Even though the cultivar global distribution improved the representation of crops production in LPJ-GUESS, given the significant influence of some studied parameters here on HI and yield, further observations to constrain them in a variety of cultivars would be particularly valuable to ensure that calibrated ranges generated in studies such as this one correspond closely to reality and represent genotypic differences such as tolerance to abiotic stresses, growth properties and productivity (Balkovič et al. 2013; Soleymani 2022). In the absence of such observations, especially for carbon assimilation and retranslocation rates, the values attained in the calibration performed in this study may be used as a basis for other large-scale modelling exercises.

The sensitivity and parameterisation performed here improved the estimation of global yield and harvest index of maize and wheat compared to the original setup used in LPJ-GUESS (Olin et al. 2015b), implying an improvement of the representation of crop production processes (Fletcher and Jamieson 2009). The improved version of LPJ-GUESS to simulate major crops growth and yield involves progress in the investigation of growing and management conditions at the regional and global scale (Rosenzweig et al. 2013). This is going to be particularly useful in estimating more accurately the effects of future climate change scenarios on global productivity of fsitwood systems, food security and global economics, since agriculture represents between 1 and 60% of national GDP in some countries (Rosenzweig et al. 2013; Mbow et al. 2019).

Conclusions

The sensitivity analysis showed that the main parameters affecting simulated carbon assimilation, GPP and yield were those related to N concentration, such as the leaf minimum C:N ratio and C:N ratio range. The carbon reallocation parameters, such as the retranslocation of labile carbon from stem to grain after anthesis and the retranslocation rate of N and carbon during senescence from leaf to grain, were more critical for HI. Although these parameters also affected GPP and yield to a lower extent, they directly influenced the allocation of carbon in grains and vegetative organs, causing high variation in HI. The extent to which labile carbon is retranslocated to grains was the most crucial parameter for HI simulation. It was the only parameter that had the effect of decreasing HI without significantly affecting yield.

The carbon assimilation rate and the period with active photosynthesis were highly affected by the N and carbon retranslocation rate and N demand reduction after anthesis. Lower carbon and N retranslocation rates and lower N uptake demand reduction after anthesis cause a more extended period of productive green tissue and higher assimilation, with consequent implications for GPP, yield and HI. Exclusion of the labile carbon retranslocation from stem to grains produced a better fit for yield, keeping HI within acceptable limits.

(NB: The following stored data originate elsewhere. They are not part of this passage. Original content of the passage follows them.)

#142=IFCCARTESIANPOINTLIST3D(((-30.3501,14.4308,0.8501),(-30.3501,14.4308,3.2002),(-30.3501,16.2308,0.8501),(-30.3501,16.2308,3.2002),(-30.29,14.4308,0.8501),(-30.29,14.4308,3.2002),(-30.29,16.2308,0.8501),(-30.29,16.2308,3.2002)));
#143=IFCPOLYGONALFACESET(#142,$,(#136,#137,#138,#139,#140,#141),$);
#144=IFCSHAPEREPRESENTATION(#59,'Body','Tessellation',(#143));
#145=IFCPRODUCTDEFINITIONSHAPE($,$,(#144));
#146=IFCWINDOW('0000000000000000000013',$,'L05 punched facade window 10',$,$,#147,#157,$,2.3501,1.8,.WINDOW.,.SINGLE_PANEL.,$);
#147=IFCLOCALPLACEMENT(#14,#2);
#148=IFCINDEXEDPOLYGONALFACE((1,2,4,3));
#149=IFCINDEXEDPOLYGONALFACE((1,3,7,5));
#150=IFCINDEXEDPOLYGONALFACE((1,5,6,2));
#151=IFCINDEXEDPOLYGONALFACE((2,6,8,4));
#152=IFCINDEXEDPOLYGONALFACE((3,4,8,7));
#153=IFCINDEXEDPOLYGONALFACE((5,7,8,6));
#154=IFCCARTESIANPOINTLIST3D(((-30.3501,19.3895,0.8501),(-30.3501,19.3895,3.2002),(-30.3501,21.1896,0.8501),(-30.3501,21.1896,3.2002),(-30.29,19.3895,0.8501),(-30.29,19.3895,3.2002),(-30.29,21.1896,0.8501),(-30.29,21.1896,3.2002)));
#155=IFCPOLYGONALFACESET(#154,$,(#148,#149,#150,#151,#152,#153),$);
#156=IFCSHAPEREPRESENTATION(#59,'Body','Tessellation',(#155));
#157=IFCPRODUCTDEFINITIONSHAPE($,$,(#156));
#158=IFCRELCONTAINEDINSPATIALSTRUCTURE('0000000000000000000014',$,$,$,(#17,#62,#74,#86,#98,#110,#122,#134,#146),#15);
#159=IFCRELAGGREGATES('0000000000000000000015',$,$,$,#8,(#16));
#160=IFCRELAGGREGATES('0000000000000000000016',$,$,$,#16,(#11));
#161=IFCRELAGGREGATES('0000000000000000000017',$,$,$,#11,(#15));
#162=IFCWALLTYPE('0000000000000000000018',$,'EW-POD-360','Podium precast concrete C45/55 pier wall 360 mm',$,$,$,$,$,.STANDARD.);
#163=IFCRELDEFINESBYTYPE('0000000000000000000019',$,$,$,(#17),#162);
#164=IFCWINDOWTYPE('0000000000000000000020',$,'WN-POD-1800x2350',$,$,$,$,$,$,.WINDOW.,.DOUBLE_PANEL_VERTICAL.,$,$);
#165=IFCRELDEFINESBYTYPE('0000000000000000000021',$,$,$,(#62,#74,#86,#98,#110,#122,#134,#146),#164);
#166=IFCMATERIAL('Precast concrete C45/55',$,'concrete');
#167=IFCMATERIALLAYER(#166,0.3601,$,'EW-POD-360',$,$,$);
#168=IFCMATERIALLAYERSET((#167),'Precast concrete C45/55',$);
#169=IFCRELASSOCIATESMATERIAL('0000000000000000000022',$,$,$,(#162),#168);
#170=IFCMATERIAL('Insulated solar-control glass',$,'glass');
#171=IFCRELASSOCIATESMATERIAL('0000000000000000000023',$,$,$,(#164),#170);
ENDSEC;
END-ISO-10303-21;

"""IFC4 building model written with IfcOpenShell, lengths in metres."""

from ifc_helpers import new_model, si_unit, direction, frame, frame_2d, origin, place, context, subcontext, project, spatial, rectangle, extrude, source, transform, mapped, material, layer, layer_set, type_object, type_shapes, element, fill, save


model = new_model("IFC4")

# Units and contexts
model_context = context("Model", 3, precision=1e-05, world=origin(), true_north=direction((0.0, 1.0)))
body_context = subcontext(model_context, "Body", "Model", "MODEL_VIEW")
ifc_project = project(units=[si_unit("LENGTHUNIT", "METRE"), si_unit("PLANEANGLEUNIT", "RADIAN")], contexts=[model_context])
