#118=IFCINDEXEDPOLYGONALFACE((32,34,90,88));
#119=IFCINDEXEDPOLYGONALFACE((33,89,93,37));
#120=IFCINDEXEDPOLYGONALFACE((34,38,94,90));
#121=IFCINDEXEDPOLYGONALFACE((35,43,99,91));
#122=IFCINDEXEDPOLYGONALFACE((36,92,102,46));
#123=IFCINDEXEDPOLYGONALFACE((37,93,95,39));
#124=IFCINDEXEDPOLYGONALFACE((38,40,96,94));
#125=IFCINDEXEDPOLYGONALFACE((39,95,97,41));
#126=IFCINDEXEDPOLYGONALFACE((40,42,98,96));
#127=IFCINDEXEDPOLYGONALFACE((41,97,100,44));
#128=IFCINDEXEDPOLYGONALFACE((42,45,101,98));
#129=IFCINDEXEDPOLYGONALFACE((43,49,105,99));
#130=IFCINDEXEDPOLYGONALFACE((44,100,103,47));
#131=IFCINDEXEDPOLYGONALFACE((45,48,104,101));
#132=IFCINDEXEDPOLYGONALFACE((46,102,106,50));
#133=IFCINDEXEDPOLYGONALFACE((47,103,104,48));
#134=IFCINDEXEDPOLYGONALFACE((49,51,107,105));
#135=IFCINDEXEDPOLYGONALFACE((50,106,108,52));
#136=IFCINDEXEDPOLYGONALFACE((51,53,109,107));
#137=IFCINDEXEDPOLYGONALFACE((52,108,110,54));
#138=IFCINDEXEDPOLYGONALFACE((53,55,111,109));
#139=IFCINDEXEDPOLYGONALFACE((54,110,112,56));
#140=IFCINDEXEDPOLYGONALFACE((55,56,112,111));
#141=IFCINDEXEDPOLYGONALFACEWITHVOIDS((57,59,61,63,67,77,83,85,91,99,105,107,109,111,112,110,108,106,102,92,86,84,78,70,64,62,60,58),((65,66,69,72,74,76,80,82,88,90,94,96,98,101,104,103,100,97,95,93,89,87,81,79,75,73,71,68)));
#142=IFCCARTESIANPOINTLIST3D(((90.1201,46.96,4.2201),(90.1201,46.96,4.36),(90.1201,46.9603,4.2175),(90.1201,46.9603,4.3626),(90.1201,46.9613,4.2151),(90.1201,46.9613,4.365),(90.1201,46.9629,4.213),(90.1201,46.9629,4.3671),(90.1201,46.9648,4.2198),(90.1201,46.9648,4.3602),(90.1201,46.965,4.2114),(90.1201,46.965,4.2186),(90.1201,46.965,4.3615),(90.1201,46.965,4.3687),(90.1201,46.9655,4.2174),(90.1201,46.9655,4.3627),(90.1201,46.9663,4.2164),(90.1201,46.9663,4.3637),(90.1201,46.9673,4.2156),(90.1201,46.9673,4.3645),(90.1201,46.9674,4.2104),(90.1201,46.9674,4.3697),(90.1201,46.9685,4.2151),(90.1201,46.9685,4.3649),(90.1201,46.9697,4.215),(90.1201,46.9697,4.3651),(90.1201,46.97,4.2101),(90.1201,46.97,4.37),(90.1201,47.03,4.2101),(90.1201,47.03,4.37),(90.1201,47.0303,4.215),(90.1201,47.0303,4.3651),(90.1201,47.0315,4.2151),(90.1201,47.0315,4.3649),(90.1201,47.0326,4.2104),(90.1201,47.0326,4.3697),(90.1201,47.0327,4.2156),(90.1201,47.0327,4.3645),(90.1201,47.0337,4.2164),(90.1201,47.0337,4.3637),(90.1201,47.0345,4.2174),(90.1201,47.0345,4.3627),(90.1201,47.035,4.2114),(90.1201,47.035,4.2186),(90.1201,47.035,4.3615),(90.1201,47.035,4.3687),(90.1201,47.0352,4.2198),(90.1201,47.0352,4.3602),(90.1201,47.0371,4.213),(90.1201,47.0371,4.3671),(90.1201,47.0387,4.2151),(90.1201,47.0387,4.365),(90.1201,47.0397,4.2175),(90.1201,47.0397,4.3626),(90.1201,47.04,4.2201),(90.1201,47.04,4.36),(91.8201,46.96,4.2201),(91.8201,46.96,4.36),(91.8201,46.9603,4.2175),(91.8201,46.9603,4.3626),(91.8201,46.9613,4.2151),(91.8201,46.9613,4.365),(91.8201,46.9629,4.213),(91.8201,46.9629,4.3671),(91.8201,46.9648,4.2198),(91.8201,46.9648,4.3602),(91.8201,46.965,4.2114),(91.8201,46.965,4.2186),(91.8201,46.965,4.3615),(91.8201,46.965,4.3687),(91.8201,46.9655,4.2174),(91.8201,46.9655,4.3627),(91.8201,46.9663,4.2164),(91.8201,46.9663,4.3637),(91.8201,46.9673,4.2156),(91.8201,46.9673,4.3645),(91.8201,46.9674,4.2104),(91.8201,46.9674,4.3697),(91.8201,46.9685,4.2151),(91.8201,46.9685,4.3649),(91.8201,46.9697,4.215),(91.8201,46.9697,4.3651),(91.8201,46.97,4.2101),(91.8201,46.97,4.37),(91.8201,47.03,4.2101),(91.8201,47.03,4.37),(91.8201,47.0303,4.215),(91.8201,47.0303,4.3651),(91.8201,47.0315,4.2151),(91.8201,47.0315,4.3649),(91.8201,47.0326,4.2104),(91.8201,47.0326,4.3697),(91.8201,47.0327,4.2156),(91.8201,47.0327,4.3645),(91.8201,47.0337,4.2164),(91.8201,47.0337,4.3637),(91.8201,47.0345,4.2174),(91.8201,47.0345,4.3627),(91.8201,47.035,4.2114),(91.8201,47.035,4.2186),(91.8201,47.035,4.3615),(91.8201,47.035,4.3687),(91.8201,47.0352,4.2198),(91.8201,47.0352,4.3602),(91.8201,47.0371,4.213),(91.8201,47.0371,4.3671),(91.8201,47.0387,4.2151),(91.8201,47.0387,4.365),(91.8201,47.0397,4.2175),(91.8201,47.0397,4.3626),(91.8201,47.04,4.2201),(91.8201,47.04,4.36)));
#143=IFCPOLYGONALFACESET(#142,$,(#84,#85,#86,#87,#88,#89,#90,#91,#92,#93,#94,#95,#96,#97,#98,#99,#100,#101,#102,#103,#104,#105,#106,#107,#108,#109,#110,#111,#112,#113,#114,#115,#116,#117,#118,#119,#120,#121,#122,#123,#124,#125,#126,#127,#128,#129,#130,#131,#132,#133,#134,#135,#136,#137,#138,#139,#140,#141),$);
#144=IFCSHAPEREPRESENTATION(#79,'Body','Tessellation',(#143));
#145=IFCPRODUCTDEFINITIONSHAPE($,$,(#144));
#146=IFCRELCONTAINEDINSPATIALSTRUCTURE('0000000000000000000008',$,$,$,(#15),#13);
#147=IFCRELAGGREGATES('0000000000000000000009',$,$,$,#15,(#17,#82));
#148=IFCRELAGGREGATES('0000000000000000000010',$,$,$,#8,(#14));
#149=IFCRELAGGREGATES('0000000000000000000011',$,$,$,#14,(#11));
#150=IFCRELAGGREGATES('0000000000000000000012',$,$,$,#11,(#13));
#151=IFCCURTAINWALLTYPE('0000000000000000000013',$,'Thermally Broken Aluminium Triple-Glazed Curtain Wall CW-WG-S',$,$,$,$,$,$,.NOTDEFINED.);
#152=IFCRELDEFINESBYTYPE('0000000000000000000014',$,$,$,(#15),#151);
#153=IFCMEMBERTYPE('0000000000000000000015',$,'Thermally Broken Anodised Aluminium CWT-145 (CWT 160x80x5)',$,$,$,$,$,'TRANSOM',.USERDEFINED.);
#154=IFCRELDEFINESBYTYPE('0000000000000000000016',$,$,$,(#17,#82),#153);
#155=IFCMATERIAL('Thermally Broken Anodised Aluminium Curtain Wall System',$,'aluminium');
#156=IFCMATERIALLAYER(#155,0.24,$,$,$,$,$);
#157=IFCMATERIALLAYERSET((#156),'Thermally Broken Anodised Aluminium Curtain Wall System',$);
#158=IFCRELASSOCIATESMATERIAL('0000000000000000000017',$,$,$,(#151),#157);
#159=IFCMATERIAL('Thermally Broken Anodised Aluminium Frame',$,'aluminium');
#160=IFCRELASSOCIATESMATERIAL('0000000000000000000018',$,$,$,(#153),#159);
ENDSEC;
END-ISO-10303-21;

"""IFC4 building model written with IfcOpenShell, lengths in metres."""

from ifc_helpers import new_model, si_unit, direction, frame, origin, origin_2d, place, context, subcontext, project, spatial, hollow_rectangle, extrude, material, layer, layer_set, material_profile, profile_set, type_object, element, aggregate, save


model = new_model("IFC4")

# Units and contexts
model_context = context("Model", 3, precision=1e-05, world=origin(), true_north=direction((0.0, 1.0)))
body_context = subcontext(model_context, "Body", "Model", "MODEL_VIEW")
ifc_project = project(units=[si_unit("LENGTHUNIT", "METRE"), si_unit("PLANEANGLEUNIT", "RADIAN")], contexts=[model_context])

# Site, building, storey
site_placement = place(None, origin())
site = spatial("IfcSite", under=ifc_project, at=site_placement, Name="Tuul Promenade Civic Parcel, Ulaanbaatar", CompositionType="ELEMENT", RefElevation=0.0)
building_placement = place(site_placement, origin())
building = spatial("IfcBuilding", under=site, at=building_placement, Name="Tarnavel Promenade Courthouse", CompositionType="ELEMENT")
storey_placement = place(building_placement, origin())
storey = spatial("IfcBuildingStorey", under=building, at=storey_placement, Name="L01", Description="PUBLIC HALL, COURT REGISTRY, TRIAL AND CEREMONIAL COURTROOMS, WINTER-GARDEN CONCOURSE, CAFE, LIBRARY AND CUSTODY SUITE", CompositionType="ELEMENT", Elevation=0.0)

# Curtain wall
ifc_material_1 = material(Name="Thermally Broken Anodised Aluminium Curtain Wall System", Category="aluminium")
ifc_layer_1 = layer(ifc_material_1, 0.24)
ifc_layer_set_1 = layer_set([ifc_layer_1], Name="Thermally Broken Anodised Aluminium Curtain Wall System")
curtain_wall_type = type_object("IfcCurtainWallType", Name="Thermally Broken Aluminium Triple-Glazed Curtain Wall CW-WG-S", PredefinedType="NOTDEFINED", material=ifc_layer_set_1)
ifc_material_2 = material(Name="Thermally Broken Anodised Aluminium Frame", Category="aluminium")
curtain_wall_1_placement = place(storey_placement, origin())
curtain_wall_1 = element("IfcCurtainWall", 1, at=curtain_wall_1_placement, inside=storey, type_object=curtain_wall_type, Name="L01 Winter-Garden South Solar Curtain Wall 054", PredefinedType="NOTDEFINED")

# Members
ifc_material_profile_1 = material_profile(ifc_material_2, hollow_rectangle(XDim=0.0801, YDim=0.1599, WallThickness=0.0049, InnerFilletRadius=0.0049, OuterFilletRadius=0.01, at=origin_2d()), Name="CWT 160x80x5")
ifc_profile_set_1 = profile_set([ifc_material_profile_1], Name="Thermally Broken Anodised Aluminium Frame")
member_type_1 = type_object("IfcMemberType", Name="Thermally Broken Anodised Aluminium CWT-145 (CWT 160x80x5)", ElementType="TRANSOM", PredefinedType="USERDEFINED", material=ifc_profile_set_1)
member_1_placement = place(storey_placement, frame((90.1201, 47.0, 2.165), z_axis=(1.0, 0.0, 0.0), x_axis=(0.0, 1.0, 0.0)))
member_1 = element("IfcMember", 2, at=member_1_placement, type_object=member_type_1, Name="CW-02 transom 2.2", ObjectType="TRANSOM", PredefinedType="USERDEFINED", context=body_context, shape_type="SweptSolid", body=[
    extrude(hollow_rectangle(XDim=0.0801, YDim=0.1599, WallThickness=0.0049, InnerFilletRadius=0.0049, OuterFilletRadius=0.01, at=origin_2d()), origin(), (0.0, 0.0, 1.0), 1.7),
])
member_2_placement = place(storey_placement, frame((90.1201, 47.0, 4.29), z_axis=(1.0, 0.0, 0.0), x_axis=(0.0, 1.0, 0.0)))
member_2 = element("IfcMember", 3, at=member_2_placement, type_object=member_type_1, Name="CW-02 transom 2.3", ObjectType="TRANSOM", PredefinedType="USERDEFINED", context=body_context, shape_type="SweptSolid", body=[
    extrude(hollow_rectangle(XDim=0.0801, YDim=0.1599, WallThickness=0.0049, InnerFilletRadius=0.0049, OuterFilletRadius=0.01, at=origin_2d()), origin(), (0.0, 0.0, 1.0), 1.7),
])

For maize, two cultivars were created according to yield distribution in the selected locations. Maize cultivars were contrasting in C:N ratio parameters as well as N and carbon retranslocation rates. The high-yielding cultivar of maize had lower values of leaf C:N minimum and range, as well as carbon and N retranslocation rates compared to low-yielding maize, indicating the need for higher leaf N concentration, a higher capacity for carbon assimilation and a more extended production period. On the other hand, wheat cultivars were only contrasting in the range of leaf C:N and N retranslocation rate, which was lower for winter wheat, indicating a longer productive and green period.

The cultivar parameterisation and global distribution developed in this study improved the global yield and HI estimation compared to the original setup used in LPJ-GUESS (Olin et al. 2015b), implying an improvement of the representation of crop production processes (Fletcher and Jamieson 2009). The calibrated version of the LPJ-GUESS crop model is a powerful tool for studies investigating how changes in management and growing conditions, as well as the future climate change scenarios, affect the global crop growth and yield of maize and wheat.